The evolution of WIP in different production systems.

The evolution of production rate in different production systems.
According to Figure 12, it is obvious that system #1 has the highest WIP value and system #4 holds the lowest WIP. It indicates that systems with higher buffer capacity tend to maintain a higher WIP and systems with no rework tend to hold a lower WIP.
According to Figure 13, rework plays a more important role in the system’s PR. Systems with rework tends to show a lower PR value, like systems #1 and #3. Systems with no rework tend to display a higher PR value, like systems #2 and #4.

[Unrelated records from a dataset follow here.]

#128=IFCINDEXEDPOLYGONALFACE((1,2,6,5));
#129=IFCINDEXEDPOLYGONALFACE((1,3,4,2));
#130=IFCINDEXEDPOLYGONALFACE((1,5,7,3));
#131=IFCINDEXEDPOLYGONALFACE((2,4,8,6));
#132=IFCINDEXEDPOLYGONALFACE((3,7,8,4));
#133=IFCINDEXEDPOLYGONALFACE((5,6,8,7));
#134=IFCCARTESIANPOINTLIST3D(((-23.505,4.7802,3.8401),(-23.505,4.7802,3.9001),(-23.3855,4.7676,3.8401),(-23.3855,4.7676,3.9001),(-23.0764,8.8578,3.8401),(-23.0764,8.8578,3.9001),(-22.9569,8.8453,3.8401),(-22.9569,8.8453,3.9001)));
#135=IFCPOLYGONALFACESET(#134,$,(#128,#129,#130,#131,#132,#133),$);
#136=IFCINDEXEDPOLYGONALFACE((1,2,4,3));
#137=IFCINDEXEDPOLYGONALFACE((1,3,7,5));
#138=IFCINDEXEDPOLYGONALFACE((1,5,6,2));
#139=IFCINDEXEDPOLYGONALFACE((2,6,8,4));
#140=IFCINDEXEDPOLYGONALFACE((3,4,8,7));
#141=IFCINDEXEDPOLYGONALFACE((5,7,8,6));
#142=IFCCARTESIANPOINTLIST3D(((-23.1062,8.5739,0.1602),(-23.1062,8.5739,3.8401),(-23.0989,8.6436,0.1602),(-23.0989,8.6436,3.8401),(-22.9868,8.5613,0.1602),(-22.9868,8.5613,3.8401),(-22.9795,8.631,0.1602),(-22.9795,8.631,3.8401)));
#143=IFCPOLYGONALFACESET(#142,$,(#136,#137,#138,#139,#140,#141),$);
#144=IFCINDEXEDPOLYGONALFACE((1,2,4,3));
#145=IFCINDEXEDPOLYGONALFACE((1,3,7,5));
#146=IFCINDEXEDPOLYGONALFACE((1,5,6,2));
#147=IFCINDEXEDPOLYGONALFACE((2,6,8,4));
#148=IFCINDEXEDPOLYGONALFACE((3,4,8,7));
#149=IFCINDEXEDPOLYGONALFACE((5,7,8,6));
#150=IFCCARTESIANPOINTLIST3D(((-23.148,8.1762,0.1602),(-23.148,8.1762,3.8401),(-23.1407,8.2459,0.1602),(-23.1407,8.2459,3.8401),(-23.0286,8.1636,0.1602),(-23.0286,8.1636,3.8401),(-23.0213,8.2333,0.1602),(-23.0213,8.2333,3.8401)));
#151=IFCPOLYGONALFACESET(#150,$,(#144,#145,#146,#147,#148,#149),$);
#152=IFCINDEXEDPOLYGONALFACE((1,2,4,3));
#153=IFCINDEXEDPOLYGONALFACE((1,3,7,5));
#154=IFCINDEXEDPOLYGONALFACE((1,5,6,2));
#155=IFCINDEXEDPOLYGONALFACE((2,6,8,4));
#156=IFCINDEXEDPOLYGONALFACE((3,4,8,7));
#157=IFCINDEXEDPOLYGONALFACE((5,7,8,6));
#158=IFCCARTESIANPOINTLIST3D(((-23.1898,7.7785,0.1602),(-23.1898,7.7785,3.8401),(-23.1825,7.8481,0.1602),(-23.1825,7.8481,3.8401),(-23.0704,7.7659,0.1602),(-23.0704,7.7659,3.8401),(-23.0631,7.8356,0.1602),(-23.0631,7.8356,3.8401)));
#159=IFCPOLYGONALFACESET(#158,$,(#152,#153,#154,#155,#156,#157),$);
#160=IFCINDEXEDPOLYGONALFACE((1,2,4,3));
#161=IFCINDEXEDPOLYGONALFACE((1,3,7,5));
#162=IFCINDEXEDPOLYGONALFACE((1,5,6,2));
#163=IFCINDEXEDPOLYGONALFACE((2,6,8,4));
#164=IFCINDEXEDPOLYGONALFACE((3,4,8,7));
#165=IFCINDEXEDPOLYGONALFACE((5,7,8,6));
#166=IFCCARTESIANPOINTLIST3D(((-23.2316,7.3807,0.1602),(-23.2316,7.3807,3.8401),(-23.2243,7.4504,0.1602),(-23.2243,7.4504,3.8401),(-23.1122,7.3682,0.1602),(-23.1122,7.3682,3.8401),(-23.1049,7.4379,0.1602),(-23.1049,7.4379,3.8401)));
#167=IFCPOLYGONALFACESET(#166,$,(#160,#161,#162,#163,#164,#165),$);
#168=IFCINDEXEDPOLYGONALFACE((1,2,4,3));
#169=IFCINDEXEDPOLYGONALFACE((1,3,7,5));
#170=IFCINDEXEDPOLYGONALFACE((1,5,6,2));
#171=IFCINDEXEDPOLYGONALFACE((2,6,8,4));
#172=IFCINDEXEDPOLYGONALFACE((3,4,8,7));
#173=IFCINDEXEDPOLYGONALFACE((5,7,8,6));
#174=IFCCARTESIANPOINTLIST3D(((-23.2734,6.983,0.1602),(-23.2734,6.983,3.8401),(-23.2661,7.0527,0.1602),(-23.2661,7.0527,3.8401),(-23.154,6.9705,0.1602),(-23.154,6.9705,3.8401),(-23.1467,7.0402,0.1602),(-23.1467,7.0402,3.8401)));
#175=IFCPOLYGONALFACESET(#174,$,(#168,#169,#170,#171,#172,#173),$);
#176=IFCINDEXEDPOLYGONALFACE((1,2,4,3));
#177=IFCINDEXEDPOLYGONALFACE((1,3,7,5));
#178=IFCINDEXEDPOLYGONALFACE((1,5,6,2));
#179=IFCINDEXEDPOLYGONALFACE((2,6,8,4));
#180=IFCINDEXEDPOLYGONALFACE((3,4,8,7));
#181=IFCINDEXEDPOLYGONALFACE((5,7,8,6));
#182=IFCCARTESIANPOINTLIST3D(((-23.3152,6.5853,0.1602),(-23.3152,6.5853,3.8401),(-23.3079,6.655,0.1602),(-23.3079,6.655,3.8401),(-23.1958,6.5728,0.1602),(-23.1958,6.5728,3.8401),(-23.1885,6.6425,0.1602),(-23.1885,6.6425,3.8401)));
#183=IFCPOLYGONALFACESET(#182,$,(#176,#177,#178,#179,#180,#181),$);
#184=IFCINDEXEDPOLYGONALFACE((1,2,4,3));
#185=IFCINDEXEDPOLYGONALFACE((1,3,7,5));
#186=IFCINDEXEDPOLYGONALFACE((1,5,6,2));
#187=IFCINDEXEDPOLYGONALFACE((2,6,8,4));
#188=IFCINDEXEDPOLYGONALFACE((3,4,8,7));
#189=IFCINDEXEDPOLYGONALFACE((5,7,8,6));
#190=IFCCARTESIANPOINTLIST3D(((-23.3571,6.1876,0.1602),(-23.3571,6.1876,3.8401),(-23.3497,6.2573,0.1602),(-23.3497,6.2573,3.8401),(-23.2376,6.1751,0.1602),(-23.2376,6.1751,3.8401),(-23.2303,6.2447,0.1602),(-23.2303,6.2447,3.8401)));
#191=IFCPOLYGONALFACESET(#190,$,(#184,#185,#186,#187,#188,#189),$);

In conclusion, both the buffer capacity and the rework action have a large impact on the performance of the system. In the practical production systems, the buffer capacity is finite and the rework is not negligible. Based on these conditions, the “Instant-Checking” method is proposed to investigate the production systems in a more practical manner. The numerical results show that this method could provide more feasible information for the plant managers to plan the production activities.
Conclusion
In this article, a novel modeling method for PSM is proposed to investigate the performance measures of the Bernoulli serial production system with multiple rework loops. Since much emphasis has been put on research on quality management and lean production recently, a new mechanism for rework has been introduced in the model. Based on the principles of the new mechanism, the proposed “Instant-Checking” method is used to formulate a mathematical model for the complex systems. In addition, the transient analysis is performed to investigate the relationship between component- and system-level characteristics.

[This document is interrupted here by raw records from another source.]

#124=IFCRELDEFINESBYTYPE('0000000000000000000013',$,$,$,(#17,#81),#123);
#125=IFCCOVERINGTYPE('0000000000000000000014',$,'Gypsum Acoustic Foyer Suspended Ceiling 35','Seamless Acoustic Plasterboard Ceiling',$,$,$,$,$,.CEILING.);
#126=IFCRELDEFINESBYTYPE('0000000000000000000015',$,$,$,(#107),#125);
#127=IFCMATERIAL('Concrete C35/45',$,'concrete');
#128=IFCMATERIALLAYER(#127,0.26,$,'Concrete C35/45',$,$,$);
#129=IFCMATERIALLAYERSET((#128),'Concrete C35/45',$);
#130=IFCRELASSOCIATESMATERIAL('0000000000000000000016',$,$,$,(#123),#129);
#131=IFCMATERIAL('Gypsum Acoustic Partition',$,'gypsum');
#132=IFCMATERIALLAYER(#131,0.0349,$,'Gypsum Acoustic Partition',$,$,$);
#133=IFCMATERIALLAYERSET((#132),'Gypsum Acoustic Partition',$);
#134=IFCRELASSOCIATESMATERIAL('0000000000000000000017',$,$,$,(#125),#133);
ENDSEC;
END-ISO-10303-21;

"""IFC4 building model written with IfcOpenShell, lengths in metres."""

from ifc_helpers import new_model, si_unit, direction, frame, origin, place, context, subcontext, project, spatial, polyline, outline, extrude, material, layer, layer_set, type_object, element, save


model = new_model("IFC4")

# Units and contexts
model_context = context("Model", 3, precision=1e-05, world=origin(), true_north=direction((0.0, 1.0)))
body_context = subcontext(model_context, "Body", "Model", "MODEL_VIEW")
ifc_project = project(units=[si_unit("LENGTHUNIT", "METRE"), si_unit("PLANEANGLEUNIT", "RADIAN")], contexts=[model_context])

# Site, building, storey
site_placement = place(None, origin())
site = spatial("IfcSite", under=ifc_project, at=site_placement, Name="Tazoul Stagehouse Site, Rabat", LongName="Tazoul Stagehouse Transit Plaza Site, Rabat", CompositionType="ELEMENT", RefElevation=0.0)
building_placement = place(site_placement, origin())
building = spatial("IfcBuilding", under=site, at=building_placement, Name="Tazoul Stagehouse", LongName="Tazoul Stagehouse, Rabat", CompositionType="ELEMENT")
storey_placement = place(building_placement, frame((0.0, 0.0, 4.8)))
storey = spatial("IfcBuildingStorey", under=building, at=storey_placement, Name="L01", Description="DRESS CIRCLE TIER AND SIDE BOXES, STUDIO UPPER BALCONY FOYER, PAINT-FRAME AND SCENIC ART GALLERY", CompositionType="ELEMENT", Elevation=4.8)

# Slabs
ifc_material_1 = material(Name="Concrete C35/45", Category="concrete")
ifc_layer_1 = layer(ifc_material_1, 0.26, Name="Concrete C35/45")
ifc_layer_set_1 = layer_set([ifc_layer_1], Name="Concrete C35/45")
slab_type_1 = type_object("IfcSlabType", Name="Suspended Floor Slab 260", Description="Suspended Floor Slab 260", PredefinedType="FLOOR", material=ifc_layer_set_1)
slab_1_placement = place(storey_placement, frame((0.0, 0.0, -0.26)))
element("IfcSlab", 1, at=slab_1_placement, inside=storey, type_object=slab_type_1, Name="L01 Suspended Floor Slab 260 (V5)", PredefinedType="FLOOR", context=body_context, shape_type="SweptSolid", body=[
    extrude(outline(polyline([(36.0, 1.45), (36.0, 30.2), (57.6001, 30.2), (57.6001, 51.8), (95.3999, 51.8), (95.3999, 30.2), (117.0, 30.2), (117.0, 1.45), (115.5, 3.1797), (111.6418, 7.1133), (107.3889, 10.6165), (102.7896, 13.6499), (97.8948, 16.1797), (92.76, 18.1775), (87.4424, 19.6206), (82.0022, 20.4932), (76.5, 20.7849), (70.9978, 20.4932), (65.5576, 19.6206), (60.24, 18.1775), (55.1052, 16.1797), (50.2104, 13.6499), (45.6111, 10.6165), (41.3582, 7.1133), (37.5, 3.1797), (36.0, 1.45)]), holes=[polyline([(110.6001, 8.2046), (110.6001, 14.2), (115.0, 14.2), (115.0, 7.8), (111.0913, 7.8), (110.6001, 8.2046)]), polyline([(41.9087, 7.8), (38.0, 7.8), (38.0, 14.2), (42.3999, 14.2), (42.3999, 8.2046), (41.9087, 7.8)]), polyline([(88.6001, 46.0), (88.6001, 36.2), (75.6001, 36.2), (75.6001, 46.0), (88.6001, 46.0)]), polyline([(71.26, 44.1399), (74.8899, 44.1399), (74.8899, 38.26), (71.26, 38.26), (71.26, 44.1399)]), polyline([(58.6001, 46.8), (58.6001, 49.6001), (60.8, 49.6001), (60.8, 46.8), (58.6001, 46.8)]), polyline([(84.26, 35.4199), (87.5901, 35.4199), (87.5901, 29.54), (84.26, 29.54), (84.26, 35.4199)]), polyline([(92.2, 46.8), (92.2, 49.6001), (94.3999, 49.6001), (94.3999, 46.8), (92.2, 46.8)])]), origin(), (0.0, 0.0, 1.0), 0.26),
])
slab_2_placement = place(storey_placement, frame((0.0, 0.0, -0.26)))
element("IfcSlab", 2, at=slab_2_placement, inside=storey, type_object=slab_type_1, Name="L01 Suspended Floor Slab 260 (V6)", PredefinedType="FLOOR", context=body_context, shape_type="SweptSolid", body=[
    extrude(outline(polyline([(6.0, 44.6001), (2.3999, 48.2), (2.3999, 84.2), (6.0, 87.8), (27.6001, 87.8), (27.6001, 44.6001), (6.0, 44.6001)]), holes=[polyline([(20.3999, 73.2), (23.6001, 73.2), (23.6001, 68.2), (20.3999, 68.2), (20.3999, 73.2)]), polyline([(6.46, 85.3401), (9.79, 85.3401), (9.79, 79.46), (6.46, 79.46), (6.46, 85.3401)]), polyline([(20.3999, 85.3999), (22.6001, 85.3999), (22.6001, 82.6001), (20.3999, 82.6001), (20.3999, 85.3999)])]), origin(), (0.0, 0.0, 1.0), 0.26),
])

This method has two main contributions to research in this field. On one hand, the conventional restrictions and the limited assumptions are removed with this method. PSM for the production systems can not only focus on systems with 100% reliable machines and infinite buffers, but can also be extended to account for the systems with unreliable machines, finite buffers and imperfect production. This makes PSM a promising tool to be widely used in the modeling of complex manufacturing systems. On the other hand, the transient analysis is conducted in this study. Based on the probability theory and the Markov chain, the transition matrix is developed to formulate the dynamics of the system’s performance measures. And the numerical results provide guidance for the improvement and reallocation of the systems.

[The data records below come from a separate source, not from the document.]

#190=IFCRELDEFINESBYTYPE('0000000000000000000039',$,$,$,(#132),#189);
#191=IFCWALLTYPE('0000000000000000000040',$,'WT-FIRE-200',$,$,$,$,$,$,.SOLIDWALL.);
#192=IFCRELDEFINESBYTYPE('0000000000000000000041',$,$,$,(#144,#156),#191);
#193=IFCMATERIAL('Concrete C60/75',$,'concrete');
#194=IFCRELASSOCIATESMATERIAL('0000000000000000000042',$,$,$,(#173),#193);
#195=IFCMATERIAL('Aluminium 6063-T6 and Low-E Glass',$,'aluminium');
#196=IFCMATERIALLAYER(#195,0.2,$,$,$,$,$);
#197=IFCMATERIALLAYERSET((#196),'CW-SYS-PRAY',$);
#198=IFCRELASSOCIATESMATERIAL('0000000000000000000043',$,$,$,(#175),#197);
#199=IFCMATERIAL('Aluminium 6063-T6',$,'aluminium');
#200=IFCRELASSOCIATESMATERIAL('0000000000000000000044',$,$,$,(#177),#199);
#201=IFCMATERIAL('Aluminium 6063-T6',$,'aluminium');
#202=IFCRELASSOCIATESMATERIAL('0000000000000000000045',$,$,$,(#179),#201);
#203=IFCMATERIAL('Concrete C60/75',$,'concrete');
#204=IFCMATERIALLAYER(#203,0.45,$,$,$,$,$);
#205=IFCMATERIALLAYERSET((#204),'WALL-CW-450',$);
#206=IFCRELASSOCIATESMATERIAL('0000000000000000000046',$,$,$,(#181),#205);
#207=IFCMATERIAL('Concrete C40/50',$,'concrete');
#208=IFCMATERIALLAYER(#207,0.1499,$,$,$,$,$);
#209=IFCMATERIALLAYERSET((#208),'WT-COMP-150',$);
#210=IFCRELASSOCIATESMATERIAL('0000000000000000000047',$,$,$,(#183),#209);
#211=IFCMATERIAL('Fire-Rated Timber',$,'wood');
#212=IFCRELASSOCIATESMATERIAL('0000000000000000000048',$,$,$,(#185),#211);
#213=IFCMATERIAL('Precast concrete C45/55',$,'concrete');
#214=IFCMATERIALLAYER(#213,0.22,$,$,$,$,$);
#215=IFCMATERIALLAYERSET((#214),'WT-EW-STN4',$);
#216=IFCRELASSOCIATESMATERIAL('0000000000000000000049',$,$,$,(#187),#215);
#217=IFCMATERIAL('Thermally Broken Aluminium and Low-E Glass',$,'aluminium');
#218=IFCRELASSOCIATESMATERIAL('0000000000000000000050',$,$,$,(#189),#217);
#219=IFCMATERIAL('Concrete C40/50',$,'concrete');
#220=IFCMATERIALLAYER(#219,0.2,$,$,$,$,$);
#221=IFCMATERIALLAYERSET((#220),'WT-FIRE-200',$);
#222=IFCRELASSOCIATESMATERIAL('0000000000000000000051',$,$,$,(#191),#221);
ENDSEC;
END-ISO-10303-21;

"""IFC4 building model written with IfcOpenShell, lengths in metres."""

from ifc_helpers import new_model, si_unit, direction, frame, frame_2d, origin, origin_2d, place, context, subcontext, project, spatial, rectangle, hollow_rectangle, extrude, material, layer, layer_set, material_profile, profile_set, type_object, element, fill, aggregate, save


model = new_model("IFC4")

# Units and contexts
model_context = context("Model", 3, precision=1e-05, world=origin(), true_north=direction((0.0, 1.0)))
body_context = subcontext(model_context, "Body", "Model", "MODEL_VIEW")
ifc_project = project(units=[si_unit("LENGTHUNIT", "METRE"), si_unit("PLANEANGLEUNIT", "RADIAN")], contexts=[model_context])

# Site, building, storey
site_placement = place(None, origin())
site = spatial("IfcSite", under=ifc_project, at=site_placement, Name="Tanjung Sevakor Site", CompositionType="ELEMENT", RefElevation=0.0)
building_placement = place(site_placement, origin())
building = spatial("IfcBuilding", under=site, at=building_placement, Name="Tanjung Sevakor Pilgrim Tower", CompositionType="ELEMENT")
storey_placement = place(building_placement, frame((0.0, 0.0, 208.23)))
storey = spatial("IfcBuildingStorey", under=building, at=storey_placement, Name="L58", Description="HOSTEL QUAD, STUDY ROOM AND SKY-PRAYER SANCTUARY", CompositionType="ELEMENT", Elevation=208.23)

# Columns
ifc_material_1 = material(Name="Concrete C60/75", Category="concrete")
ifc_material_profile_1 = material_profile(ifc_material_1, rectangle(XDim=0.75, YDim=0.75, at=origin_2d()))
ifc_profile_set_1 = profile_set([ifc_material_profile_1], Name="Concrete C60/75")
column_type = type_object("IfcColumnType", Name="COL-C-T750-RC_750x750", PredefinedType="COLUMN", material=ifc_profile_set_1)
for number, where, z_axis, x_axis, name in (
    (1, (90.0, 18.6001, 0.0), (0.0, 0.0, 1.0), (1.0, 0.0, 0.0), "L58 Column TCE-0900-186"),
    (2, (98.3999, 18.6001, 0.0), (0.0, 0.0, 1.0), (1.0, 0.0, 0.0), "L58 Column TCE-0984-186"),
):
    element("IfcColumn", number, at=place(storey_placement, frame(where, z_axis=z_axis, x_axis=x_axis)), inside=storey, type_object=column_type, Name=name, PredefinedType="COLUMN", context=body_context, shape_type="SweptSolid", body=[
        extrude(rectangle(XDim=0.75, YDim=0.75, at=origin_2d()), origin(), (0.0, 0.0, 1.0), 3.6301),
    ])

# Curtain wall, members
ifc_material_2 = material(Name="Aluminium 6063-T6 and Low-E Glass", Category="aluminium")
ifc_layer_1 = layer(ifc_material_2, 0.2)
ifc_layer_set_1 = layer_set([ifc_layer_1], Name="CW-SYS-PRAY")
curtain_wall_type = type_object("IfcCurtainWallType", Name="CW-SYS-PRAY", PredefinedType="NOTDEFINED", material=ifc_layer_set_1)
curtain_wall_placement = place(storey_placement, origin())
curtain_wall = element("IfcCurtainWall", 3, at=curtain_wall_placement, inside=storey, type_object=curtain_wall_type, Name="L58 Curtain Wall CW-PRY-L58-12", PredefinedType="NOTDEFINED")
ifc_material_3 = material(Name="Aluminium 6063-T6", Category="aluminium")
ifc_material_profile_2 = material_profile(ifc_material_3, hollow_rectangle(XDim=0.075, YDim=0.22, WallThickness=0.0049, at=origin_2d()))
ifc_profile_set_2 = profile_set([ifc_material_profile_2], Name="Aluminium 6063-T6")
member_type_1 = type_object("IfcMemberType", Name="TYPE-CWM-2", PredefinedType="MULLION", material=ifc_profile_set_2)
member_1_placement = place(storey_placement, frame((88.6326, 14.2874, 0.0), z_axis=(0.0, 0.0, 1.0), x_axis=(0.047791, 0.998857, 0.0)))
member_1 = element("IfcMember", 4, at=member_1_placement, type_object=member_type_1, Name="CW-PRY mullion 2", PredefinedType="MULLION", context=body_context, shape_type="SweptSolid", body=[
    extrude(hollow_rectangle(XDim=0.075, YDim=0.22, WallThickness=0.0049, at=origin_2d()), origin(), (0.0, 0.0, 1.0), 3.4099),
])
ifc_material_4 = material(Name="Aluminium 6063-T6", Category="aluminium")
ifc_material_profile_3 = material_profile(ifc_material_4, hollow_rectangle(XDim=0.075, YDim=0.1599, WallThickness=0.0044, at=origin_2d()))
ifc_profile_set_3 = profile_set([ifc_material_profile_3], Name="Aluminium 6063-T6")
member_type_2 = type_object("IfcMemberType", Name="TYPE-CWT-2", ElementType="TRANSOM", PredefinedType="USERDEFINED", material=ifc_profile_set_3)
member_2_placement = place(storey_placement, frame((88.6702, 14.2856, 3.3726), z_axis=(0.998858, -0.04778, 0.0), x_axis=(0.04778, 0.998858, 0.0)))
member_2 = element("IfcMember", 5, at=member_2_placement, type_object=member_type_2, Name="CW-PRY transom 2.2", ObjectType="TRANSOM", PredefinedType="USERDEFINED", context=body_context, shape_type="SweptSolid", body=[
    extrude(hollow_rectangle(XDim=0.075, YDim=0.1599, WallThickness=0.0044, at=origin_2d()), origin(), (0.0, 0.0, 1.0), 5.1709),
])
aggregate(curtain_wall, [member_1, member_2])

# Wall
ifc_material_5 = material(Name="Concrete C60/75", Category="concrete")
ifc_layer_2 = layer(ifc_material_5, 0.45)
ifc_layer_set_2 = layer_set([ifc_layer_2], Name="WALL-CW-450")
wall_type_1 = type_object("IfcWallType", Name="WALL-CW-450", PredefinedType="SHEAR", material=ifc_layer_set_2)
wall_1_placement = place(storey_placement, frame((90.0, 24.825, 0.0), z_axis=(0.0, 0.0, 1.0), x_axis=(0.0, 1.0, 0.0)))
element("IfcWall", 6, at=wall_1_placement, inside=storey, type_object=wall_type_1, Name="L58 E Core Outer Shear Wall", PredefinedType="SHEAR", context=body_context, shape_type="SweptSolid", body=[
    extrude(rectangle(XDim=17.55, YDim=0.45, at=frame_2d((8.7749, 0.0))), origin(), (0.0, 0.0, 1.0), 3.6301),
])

The analysis carried out in this study can be effectively extended to several directions. The first is the balance between investment and profit. In traditional production systems, in order to apply the proposed model in real plants, more shop floor spaces are needed, which leads to external cost, while in modern production systems more investment is necessary with the use of the high-level and new technologies. Nevertheless, the model proposed in this article can improve product quality, standardize the processes and enable the enterprises to obtain more profit than ever before. Therefore, how to balance the investment and profit or how to allocate resources could be a subject of our future research. The second is the disposal solution to unqualified products. In the proposed model, the only solution for the defective products is to process them again. However, in practical production systems, due to the high cost of rework, defective products can be discarded unless necessary or economic, which complicates the model. Third, all the inspection works are assumed to be perfect in our research. But in practical systems the imperfect inspections are always the case. How we deal with the inspection errors and take them into consideration in our model is a problem worth researching. Thus, there still remain a lot of problems to be considered, and our future research work will extend the method to solve these issues.
Footnotes
Declaration of conflicting interests
The author(s) declared no potential conflicts of interest with respect to the research, authorship and/or publication of this article.
Funding
The author(s) disclosed receipt of the following financial support for the research, authorship, and/or publication of this article: This research was supported partially by the National Natural Science Foundation of China under Grant No. 71471135.